Model: "sequential_6"
_________________________________________________________________
Layer (type)                 Output Shape              Param #   
embedding_6 (Embedding)      (1, None, 256)            16640     
_________________________________________________________________
lstm_4 (LSTM)                (1, None, 1024)           5246976   
_________________________________________________________________
dense_6 (Dense)              (1, None, 65)             66625     
Total params: 5,330,241
Trainable params: 5,330,241
Non-trainable params: 0
_________________________________________________________________


### The prediction loop

The following code block generates the text:
    
1. It Starts by choosing a start string, initializing the RNN state and setting the number of characters to generate.
2. Get the prediction distribution of the next character using the start string and the RNN state.
3. Then, use a categorical distribution to calculate the index of the predicted character. Use this predicted character as our next input to the model.
4. The RNN state returned by the model is fed back into the model so that it now has more context, instead than only one character. After predicting the next character, the modified RNN states are again fed back into the model, which is how it learns as it gets more context from the previously predicted characters.

Looking at the generated text, you'll see the model knows when to capitalize, make paragraphs and imitates a Shakespeare-like writing vocabulary.
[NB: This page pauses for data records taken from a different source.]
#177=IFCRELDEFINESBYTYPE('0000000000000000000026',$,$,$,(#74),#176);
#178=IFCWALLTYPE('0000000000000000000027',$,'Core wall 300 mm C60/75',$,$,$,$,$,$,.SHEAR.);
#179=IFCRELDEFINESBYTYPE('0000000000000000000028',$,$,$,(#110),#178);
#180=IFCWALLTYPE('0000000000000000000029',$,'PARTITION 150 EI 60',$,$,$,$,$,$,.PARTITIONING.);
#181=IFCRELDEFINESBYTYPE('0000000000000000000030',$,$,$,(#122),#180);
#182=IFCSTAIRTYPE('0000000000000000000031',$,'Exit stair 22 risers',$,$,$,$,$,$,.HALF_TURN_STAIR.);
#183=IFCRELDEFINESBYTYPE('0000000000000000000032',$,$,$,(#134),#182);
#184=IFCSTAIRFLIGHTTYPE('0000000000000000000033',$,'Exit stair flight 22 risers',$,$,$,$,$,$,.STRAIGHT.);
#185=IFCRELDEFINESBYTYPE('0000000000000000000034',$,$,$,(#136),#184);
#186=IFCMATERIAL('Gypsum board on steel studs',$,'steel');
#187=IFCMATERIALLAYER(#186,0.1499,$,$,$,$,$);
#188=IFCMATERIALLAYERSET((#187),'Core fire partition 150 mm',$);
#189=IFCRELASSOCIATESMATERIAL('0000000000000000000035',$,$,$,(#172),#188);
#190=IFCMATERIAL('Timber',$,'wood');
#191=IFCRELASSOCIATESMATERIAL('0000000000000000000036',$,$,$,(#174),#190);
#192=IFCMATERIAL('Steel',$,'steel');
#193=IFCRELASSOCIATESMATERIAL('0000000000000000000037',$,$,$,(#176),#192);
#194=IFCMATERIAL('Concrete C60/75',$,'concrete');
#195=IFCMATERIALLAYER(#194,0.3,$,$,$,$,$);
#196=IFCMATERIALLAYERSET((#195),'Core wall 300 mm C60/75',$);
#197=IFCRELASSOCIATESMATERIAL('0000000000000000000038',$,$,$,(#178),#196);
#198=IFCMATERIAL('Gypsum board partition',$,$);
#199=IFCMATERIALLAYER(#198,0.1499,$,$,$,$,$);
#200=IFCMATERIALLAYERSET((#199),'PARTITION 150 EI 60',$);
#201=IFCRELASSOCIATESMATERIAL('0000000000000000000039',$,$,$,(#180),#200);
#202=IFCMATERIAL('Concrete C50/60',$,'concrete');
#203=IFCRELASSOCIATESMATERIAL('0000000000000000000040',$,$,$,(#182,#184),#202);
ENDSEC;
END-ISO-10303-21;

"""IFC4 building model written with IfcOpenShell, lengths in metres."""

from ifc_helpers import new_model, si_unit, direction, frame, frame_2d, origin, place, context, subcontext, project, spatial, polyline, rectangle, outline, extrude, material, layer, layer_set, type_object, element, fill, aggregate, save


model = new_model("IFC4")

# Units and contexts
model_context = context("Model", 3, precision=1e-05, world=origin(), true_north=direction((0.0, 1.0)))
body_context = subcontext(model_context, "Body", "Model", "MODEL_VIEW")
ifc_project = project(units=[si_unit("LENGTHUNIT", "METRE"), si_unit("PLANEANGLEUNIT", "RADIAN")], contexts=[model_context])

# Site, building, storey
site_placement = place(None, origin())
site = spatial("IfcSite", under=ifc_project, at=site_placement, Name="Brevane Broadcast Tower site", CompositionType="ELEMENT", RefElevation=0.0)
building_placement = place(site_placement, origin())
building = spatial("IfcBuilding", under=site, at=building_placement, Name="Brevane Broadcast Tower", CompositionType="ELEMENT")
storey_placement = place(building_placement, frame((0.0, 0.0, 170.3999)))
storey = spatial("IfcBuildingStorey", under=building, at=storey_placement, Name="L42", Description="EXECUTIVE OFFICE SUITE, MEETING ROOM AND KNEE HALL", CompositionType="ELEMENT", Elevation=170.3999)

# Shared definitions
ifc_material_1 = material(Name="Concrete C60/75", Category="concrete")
With the small number of training epochs, it has not yet learned to form coherent sentences.

In [70]:
def generate_text(model, start_string):
  # Evaluation step (generating text using the learned model)

  # Number of characters to generate
  num_generate = 1000

  # Converting our start string to numbers (vectorizing)
  input_eval = [char2idx[s] for s in start_string]
  input_eval = tf.expand_dims(input_eval, 0)
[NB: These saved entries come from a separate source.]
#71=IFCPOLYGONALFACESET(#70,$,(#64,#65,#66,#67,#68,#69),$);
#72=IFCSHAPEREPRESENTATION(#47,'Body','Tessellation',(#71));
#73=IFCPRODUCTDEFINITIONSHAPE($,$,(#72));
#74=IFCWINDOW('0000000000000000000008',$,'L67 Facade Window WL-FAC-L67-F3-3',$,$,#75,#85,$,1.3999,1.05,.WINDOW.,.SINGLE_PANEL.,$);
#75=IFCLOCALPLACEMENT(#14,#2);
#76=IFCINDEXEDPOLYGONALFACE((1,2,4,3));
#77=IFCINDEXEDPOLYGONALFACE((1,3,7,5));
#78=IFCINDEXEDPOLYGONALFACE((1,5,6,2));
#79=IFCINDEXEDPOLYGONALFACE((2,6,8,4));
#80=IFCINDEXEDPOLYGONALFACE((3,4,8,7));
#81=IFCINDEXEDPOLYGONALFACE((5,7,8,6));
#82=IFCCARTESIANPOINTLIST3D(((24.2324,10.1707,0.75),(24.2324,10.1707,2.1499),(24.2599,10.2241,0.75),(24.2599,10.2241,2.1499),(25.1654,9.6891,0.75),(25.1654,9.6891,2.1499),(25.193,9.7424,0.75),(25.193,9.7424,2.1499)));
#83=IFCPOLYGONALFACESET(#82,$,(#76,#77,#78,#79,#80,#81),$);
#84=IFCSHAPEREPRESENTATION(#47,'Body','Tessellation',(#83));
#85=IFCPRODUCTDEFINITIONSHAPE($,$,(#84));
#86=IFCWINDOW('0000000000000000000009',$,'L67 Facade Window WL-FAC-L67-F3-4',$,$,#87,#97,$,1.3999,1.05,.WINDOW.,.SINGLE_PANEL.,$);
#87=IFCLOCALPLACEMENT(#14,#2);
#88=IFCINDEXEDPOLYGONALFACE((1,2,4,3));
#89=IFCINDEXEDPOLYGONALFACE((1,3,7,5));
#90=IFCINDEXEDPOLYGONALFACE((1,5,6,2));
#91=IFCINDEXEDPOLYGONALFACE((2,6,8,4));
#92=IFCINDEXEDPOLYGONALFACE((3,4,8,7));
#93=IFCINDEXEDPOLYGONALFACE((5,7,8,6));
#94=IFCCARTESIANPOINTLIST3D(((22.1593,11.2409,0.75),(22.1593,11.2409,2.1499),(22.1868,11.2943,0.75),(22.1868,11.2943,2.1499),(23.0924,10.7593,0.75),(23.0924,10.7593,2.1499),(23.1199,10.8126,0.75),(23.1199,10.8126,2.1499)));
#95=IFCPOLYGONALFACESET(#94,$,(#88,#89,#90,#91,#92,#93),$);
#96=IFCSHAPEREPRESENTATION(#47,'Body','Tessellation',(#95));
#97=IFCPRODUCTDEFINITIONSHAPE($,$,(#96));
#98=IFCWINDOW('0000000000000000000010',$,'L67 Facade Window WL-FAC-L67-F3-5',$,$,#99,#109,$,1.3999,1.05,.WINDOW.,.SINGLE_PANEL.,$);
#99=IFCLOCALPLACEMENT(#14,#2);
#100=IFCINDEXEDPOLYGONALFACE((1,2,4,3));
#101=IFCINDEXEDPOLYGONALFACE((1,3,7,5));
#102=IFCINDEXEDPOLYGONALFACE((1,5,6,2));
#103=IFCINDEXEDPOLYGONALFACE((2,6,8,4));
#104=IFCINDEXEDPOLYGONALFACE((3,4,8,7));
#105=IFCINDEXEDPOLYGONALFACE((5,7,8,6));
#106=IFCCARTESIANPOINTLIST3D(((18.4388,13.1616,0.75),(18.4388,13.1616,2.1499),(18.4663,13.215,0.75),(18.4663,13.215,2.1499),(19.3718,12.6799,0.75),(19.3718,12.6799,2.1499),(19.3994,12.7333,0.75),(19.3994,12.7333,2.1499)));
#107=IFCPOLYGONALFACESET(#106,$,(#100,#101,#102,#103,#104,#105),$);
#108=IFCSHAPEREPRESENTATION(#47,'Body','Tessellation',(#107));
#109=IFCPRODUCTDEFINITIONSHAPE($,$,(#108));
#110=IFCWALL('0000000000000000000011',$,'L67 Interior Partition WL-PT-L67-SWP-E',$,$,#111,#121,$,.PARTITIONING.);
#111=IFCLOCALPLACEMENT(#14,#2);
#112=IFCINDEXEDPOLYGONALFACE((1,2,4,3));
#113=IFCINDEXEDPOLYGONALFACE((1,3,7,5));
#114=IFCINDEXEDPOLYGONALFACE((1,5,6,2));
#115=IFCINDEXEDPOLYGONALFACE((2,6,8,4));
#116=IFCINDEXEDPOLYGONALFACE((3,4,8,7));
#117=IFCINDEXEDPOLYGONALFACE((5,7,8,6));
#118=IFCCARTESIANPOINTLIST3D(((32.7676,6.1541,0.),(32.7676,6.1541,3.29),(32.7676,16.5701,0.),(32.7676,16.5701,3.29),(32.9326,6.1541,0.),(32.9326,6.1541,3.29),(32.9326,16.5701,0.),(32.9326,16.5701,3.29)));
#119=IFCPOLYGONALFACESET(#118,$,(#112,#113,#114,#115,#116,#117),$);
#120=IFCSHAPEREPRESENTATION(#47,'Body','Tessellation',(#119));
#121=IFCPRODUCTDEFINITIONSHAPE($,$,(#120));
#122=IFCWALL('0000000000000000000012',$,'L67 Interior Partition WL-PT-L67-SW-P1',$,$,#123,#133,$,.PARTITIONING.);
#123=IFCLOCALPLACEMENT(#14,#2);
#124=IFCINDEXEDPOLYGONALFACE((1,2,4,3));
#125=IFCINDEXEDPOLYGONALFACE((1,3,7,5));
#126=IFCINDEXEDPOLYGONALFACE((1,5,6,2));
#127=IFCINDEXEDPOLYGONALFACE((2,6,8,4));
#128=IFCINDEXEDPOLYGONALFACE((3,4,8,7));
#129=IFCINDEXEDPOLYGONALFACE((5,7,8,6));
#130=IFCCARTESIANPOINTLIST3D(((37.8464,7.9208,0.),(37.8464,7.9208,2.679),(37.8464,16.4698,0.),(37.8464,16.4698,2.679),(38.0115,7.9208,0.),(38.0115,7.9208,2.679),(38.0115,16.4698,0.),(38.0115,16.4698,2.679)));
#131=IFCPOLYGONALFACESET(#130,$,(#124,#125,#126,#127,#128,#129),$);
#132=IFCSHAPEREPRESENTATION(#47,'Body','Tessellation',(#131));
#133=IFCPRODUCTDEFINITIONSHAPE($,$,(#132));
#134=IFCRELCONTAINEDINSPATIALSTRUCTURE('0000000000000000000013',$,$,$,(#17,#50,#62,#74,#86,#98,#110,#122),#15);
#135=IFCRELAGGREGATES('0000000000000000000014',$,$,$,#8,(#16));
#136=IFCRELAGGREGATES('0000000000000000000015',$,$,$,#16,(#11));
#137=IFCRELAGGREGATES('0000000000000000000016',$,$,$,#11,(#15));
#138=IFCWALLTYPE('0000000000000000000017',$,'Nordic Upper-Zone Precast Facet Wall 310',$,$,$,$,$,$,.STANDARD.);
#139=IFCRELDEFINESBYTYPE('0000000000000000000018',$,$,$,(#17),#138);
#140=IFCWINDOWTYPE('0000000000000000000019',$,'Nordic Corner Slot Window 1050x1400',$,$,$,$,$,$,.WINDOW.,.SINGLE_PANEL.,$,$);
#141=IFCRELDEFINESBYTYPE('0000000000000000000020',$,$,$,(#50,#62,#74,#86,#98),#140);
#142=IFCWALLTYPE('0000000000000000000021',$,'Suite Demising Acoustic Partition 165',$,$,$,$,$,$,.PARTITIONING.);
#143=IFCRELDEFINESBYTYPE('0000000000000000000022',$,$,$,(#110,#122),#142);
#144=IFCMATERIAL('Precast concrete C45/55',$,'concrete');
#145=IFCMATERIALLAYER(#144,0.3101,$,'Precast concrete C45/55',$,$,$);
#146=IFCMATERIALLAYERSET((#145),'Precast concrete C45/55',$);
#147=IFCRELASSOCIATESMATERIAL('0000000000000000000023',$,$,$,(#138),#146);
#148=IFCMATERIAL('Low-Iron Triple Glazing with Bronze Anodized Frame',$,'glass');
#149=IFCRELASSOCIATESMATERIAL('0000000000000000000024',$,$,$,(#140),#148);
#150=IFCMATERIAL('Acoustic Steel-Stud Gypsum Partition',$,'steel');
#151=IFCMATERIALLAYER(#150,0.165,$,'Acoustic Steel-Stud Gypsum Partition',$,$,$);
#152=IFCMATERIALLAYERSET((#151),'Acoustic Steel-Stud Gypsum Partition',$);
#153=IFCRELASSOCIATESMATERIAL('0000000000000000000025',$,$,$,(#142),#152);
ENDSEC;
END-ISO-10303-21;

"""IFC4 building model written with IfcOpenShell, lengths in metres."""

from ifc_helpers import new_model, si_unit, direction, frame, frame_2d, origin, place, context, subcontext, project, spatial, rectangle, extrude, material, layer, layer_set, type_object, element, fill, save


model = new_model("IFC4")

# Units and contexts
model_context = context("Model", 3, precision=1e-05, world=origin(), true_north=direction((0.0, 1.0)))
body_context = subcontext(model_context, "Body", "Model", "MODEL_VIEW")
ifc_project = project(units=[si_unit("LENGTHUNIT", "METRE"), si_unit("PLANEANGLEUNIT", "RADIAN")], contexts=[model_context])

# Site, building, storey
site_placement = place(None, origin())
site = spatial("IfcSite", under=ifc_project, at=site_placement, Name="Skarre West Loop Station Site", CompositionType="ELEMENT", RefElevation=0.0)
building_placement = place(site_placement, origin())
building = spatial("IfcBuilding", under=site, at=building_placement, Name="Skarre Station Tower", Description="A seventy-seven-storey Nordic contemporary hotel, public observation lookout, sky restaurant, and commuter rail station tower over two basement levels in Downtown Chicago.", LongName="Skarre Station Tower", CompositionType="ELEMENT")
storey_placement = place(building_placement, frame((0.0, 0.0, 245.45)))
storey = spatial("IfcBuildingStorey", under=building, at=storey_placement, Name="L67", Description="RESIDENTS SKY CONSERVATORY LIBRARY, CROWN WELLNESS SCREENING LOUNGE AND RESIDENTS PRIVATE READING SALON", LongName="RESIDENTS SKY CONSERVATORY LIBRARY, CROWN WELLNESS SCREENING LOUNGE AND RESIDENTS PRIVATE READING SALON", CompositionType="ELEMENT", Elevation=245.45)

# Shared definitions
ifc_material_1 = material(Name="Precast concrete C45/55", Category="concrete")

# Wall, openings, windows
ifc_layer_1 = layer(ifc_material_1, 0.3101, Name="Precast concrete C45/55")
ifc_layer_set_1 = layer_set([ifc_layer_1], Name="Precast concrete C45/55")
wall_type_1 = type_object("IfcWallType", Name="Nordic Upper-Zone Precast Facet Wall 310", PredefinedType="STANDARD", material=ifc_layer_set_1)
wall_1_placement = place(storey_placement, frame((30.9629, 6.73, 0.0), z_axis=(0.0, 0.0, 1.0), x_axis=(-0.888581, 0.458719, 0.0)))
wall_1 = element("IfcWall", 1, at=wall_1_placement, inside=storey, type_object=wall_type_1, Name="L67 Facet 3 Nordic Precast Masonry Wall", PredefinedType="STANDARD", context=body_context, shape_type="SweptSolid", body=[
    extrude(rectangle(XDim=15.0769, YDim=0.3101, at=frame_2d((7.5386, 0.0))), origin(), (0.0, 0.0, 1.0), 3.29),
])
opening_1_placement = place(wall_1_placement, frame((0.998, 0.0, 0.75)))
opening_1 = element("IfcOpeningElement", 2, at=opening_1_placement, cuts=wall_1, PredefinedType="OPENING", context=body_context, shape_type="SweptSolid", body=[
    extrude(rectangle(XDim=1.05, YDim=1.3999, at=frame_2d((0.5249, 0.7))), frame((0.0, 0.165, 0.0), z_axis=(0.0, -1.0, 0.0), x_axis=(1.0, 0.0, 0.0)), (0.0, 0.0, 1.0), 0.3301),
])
  # Empty string to store our results
  text_generated = []

  # Low temperatures results in more predictable text.
  # Higher temperatures results in more surprising text.
  # Experiment to find the best setting.
  temperature = 1.0

  # Here batch size == 1
  model.reset_states()
  for i in range(num_generate):
      predictions = model(input_eval)
      # remove the batch dimension
      predictions = tf.squeeze(predictions, 0)

      # using a categorical distribution to predict the character returned by the model
      predictions = predictions / temperature
      predicted_id = tf.random.categorical(predictions, num_samples=1)[-1,0].numpy()
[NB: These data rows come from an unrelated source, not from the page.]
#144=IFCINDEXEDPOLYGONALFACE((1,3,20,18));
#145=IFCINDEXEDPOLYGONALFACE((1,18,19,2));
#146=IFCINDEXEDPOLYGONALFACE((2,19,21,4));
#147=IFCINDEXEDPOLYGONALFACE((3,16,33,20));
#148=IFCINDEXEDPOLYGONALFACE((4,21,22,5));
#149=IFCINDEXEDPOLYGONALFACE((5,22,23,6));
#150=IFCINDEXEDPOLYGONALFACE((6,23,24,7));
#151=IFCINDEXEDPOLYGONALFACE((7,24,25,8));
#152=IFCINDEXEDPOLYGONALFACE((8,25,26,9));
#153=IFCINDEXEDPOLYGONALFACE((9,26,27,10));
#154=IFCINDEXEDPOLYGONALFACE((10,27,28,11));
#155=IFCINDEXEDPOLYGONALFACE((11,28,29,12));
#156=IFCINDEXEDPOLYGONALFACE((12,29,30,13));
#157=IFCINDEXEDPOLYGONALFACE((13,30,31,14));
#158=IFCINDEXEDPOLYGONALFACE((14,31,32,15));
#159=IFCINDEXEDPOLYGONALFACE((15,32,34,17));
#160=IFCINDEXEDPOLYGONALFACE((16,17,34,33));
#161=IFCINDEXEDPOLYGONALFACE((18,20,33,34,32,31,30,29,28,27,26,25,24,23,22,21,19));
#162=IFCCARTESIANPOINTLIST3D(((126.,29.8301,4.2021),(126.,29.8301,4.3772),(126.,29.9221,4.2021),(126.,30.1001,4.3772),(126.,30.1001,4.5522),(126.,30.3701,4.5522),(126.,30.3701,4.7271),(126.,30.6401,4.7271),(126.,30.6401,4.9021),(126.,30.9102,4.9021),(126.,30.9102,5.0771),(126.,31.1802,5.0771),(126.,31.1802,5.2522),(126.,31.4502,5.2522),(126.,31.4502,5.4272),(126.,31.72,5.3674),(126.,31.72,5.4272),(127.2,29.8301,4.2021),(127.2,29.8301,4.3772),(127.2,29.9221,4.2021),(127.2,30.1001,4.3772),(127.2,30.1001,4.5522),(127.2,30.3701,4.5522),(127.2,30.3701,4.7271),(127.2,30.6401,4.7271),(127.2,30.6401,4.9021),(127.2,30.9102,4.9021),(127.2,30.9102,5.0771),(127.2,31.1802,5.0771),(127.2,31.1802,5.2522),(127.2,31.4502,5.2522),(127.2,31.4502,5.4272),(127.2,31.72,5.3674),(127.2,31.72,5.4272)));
      # We pass the predicted character as the next input to the model
      # along with the previous hidden state
      input_eval = tf.expand_dims([predicted_id], 0)

      text_generated.append(idx2char[predicted_id])

  return (start_string + ''.join(text_generated))

In [71]:
print(generate_text(model, start_string=u"ROMEO: "))

ROMEO: ID&FZ?jXSX;&3J3X$g$Jn3xJ!!k$xQ&Kx?HXZdIGHH!BXOVQUj$$3hMkqJeZg.$Kj;fz.,AF 
isgisa, with thy thee beadivest?
Yor
Your-st am to lom were's fordande?
Are ble bency abl the sainde;
To hove way heal!

wEAkn CUINREH:
Ther siliby mo hesp reave; wish if shis?

Yos ma, dore
ther has chay,

MANIL:
Wist, with nope-in, o metollt very bien's brouss!
Nrecon:
I nalk thy mensterth ustmrayssw-
Anlt?
Ane mo she lowe:
-fail you, wa: condude he hevelest net so; her theme,
Buf. Gut wher bithtience han thim wey my her lege notheveorsse!

GULGORIO:
Thy frist br dent thoulll with mast!

Kicon,:
Ge to sto wiints ofuot soQ
TLUCUS:
My thouk:
And gomyeme'e wil kely!
Ascabbuns buf thy cormsen with. 'sw mquan hery ie then careecy.

PBARILIO:
O wired mistly mame

PLANEL:
I, une wo go dain,
That, dut stoul sher's pepim do minssler.

GOWI RASHe with GMood:
Whis ast lithe kibkmy: sher; shat. Mearry wimy.-
Dethour to my ford sithee andibrseng enstens:
Whin the treem, hel craby
KI hes my lote then, o now: -utty ith

## Notes

* The easiest thing you can do to improve the results it to train it for longer (try EPOCHS=30).

* You can also experiment with a different start string, or try adding another RNN layer to improve the model's accuracy, or adjusting the temperature parameter to generate more or less random predictions.